The forward-looking statements contained in this Management’s Discussion and Analysis are based on our current expectations and beliefs concerning future developments and their potential effects on us. Although we believe that the expectations reflected in such forward-looking statements are reasonable, there can be no assurance that such expectations will prove to be correct.  Future developments affecting us may not be those that we have anticipated. These forward-looking statements, which speak only as of the date of this report, involve a number of risks, uncertainties (some of which are beyond our control) or other assumptions that may cause actual results or performance to be materially different from those expressed or implied by these forward-looking statements.

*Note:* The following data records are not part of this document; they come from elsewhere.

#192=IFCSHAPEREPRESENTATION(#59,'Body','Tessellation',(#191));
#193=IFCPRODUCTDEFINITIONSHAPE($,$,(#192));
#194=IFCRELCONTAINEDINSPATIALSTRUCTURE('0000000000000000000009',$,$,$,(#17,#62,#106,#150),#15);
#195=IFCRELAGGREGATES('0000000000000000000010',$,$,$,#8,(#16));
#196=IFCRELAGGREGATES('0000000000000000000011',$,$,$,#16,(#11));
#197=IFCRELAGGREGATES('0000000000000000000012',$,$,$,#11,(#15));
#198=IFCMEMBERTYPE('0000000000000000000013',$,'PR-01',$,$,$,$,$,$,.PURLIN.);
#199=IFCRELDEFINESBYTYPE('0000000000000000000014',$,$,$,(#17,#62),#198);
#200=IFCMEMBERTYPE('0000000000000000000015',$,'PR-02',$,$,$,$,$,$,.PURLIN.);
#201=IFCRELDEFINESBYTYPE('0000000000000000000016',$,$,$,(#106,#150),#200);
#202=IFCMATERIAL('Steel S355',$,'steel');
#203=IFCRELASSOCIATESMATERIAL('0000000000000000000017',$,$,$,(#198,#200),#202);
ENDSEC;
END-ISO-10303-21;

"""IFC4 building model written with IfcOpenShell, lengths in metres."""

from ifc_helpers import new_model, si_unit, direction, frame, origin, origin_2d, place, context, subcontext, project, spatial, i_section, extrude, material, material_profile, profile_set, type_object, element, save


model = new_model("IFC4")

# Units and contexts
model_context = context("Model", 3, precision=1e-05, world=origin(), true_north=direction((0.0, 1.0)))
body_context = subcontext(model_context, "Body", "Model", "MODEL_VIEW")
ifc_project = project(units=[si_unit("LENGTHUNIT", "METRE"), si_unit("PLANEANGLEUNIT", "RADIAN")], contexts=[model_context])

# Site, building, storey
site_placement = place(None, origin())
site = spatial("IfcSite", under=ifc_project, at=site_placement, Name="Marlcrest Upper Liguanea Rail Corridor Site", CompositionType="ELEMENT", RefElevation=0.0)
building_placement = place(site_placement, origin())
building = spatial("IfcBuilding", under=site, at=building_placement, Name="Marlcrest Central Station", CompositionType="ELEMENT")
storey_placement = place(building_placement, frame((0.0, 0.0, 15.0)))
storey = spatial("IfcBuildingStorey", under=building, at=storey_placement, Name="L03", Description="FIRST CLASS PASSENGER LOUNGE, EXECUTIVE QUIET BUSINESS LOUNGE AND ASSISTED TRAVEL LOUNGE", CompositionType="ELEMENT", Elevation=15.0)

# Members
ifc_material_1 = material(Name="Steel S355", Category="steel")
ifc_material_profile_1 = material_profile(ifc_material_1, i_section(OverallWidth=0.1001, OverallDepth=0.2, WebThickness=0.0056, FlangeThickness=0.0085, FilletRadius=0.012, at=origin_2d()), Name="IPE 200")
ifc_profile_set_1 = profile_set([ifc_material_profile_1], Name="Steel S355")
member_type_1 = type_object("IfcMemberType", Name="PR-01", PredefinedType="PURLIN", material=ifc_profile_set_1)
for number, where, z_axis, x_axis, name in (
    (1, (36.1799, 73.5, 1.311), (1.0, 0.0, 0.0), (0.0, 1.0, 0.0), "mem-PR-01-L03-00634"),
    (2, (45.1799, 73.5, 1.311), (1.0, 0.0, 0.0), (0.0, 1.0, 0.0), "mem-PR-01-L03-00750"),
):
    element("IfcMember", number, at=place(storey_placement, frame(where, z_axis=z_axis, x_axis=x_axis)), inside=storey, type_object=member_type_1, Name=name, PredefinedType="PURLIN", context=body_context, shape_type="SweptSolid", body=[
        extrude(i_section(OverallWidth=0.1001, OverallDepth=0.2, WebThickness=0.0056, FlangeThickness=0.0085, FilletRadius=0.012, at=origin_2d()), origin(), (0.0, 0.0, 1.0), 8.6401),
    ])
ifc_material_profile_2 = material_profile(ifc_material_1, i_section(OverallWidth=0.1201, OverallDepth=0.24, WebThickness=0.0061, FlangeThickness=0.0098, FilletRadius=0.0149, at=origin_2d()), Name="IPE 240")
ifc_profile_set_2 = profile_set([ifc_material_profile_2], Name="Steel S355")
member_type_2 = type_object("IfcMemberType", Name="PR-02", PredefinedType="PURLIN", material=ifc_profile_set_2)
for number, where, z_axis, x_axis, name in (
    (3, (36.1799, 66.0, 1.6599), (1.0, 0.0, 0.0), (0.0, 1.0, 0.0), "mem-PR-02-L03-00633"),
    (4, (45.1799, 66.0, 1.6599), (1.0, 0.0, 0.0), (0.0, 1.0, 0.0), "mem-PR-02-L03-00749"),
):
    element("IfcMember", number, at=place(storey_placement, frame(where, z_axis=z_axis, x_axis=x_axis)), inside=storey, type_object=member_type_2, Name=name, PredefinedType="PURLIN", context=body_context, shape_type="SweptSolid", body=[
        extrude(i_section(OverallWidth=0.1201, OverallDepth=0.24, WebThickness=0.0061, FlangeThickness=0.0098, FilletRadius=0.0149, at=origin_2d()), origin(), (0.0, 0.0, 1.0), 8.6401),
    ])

These risks and uncertainties include, but are not limited to, those factors described under the heading “Risk Factors” set forth in our Annual Report on Form 20-F, dated December 14, 2012, as filed with the SEC.  Should one or more of these risks or uncertainties materialize, or should any of our assumptions prove incorrect, actual results may vary in material respects from those projected in these forward-looking statements. We undertake no obligation to update or revise any forward-looking statements, whether as a result of new information, future events or otherwise, except as may be required under applicable securities laws.